Now there is an improvement today in that some of the frameworks, or web servers, or so forth, that are available are providing some asynchronicity or asynchrony to their request-response behavior. And also, you can get asynchronous database connection. So it’s not, you know, entirely a loss today, but it’s still not a widespread situation.

Anemic Domain Model

The other problem that we have today is largely software is implemented using an anemic domain model. This is where essentially a domain object, or what people liberally call domain object, really has no behavior, it just has data settings on it. So you can, in Java for example, call, “Set something,” “set something else,” and that’s sort of seen as the way that a service communicates with the domain object. This is problematic and, hopefully, I can show you that, when you consider a behavior-rich domain object, there’s actually much less code overall in a behavior-rich domain object than there is in an anemic object. And you can test the behavior-rich object, whereas testing an anemic object is quite difficult.

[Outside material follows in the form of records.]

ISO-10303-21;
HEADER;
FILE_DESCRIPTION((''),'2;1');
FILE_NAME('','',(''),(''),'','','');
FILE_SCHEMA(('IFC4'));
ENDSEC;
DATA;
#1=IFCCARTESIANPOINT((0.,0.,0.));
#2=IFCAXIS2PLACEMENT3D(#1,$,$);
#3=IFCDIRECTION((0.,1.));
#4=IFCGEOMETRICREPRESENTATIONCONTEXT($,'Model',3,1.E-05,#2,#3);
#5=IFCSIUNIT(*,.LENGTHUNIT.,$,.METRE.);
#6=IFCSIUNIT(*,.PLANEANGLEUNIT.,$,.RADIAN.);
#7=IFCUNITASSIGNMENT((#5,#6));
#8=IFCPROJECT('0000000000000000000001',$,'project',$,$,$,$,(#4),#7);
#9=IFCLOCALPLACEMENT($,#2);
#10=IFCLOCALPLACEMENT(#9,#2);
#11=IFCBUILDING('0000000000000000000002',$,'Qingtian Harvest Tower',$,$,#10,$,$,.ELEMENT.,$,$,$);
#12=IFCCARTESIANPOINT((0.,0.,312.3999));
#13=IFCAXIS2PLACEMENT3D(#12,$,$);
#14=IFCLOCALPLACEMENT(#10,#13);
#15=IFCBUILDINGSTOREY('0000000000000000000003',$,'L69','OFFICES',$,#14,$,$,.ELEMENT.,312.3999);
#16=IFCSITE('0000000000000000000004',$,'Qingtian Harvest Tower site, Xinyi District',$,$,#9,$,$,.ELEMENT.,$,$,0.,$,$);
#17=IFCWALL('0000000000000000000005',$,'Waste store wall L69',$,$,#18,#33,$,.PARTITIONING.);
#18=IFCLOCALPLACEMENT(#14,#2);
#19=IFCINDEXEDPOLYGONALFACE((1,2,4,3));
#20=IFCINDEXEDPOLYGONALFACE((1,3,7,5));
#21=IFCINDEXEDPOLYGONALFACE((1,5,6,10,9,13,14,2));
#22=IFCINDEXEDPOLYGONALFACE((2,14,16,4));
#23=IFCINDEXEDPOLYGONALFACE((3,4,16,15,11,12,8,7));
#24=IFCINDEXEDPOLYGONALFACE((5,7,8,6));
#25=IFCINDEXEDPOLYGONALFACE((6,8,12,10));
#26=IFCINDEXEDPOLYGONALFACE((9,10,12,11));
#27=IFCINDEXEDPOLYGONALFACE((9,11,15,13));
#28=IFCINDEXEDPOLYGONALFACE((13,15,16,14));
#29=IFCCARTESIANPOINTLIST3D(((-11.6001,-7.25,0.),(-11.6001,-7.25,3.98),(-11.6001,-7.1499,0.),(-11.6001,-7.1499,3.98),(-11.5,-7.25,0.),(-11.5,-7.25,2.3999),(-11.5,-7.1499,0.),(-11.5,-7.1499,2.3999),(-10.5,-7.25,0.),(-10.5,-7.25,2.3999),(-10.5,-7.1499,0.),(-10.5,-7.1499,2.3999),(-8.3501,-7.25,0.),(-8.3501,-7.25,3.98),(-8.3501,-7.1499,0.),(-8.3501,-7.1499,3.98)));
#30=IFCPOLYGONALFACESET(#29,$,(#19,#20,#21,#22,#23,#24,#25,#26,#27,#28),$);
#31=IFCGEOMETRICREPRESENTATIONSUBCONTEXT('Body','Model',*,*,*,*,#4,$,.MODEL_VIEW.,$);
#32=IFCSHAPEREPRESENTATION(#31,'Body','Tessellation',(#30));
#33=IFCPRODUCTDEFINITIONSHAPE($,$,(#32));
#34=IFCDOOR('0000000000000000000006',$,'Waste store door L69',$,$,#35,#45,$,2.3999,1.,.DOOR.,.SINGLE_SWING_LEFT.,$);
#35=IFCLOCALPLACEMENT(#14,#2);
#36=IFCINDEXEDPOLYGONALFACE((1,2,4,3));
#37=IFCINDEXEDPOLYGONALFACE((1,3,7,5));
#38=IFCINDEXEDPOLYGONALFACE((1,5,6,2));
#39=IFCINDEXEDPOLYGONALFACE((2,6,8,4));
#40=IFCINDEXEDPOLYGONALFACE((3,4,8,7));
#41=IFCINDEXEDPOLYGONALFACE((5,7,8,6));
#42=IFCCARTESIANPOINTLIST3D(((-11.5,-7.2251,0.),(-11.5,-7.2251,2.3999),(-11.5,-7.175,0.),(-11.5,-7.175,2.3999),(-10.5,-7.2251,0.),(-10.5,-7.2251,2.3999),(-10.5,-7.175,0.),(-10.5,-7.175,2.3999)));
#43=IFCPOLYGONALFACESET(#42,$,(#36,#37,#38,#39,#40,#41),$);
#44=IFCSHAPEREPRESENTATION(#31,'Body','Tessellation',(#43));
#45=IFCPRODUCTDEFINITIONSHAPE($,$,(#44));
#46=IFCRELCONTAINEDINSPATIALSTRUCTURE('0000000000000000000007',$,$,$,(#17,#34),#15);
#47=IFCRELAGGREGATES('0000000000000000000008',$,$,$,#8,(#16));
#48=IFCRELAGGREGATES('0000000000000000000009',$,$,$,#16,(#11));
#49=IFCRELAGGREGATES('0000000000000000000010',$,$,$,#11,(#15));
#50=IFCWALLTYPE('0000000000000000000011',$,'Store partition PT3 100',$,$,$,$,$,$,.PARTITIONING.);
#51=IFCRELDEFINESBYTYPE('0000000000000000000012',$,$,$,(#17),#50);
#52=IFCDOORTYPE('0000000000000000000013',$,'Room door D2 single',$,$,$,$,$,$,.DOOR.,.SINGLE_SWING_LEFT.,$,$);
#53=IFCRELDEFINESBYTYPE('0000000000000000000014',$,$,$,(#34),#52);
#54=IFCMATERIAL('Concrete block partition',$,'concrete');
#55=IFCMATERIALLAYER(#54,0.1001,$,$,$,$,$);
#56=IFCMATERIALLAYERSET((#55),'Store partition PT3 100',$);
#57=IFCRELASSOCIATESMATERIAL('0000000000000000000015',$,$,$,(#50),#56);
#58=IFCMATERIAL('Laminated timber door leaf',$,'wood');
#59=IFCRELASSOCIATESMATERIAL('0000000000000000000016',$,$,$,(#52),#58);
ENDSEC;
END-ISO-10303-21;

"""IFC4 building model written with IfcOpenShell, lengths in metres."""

from ifc_helpers import new_model, si_unit, direction, frame, frame_2d, origin, place, context, subcontext, project, spatial, rectangle, extrude, material, layer, layer_set, type_object, element, fill, save


model = new_model("IFC4")

# Units and contexts
model_context = context("Model", 3, precision=1e-05, world=origin(), true_north=direction((0.0, 1.0)))
body_context = subcontext(model_context, "Body", "Model", "MODEL_VIEW")
ifc_project = project(units=[si_unit("LENGTHUNIT", "METRE"), si_unit("PLANEANGLEUNIT", "RADIAN")], contexts=[model_context])

# Site, building, storey
site_placement = place(None, origin())
site = spatial("IfcSite", under=ifc_project, at=site_placement, Name="Qingtian Harvest Tower site, Xinyi District", CompositionType="ELEMENT", RefElevation=0.0)
building_placement = place(site_placement, origin())
building = spatial("IfcBuilding", under=site, at=building_placement, Name="Qingtian Harvest Tower", CompositionType="ELEMENT")
storey_placement = place(building_placement, frame((0.0, 0.0, 312.3999)))
storey = spatial("IfcBuildingStorey", under=building, at=storey_placement, Name="L69", Description="OFFICES", CompositionType="ELEMENT", Elevation=312.3999)

# Wall, opening, door
ifc_material_1 = material(Name="Concrete block partition", Category="concrete")
ifc_layer_1 = layer(ifc_material_1, 0.1001)
ifc_layer_set_1 = layer_set([ifc_layer_1], Name="Store partition PT3 100")
wall_type_1 = type_object("IfcWallType", Name="Store partition PT3 100", PredefinedType="PARTITIONING", material=ifc_layer_set_1)
wall_1_placement = place(storey_placement, frame((-11.6001, -7.2, 0.0), z_axis=(0.0, 0.0, 1.0), x_axis=(1.0, 0.0, 0.0)))
wall_1 = element("IfcWall", 1, at=wall_1_placement, inside=storey, type_object=wall_type_1, Name="Waste store wall L69", PredefinedType="PARTITIONING", context=body_context, shape_type="SweptSolid", body=[
    extrude(rectangle(XDim=3.25, YDim=0.1001, at=frame_2d((1.625, 0.0))), origin(), (0.0, 0.0, 1.0), 3.98),
])
opening_1_placement = place(wall_1_placement, frame((0.1001, 0.0, 0.0)))
opening_1 = element("IfcOpeningElement", 2, at=opening_1_placement, cuts=wall_1, PredefinedType="OPENING", context=body_context, shape_type="SweptSolid", body=[
    extrude(rectangle(XDim=1.0, YDim=2.3999, at=frame_2d((0.5, 1.2))), frame((0.0, 0.0601, 0.0), z_axis=(0.0, -1.0, 0.0), x_axis=(1.0, 0.0, 0.0)), (0.0, 0.0, 1.0), 0.1201),
])
ifc_material_2 = material(Name="Laminated timber door leaf", Category="wood")
door_type_1 = type_object("IfcDoorType", Name="Room door D2 single", OperationType="SINGLE_SWING_LEFT", PredefinedType="DOOR", material=ifc_material_2)
door_1_placement = place(opening_1_placement, origin())
door_1 = element("IfcDoor", 3, at=door_1_placement, inside=storey, type_object=door_type_1, Name="Waste store door L69", OperationType="SINGLE_SWING_LEFT", OverallHeight=2.3999, OverallWidth=1.0, PredefinedType="DOOR", context=body_context, shape_type="SweptSolid", body=[
    extrude(rectangle(XDim=1.0, YDim=2.3999, at=frame_2d((0.5, 1.2))), frame((0.0, 0.0249, 0.0), z_axis=(0.0, -1.0, 0.0), x_axis=(1.0, 0.0, 0.0)), (0.0, 0.0, 1.0), 0.05),
])
fill(opening_1, door_1)

save(model, "model.ifc")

Imagine that, there aren’t just these seven attributes, on this Java object, that’s marked as an entity, it’s annotated as an entity, and it has an ID column and other columns. So essentially, what we’re doing with this object is we’re just using it to map data into a relational-database table, into a row. And that is, very often, how software is being designed these days. I would say, not 100% but it’s a very probably high number in the 90% of times software’s being developed this way. Now imagine that this object has 25 string attributes on it. Think of all the possible ways that a client could set data on this object incorrectly. How do you test that the client is not only perhaps setting the correct attributes but not setting the incorrect attributes? You could probably write a hundred different tests and not be confident that you’ve covered all the cases, nor is it really necessary if you’re using rich behavior.

Message Driven

I think that where we are headed today is a message driven architecture, message driven systems, message driven domain models even. And I think that this is highly necessary because most of the software that we see in the open today, in the wild, is blocking, it’s not using processors to the extent that they can be used. And message driven, even at the object level, can help to improve the overall throughput of the system because all cores, on a given server, can be used to a very high percentage of their capacity.

Event Driven

And this even includes event driven. So any kind of event can also serve as a message but this is where we actually create a concept, in our domain model that represents a happening that we care about and that happening is recorded as a fact. And that fact can be saved into a data source, and that fact can then be basically published out, or relayed to, or broadcast to other subsystems because they have some interest in it.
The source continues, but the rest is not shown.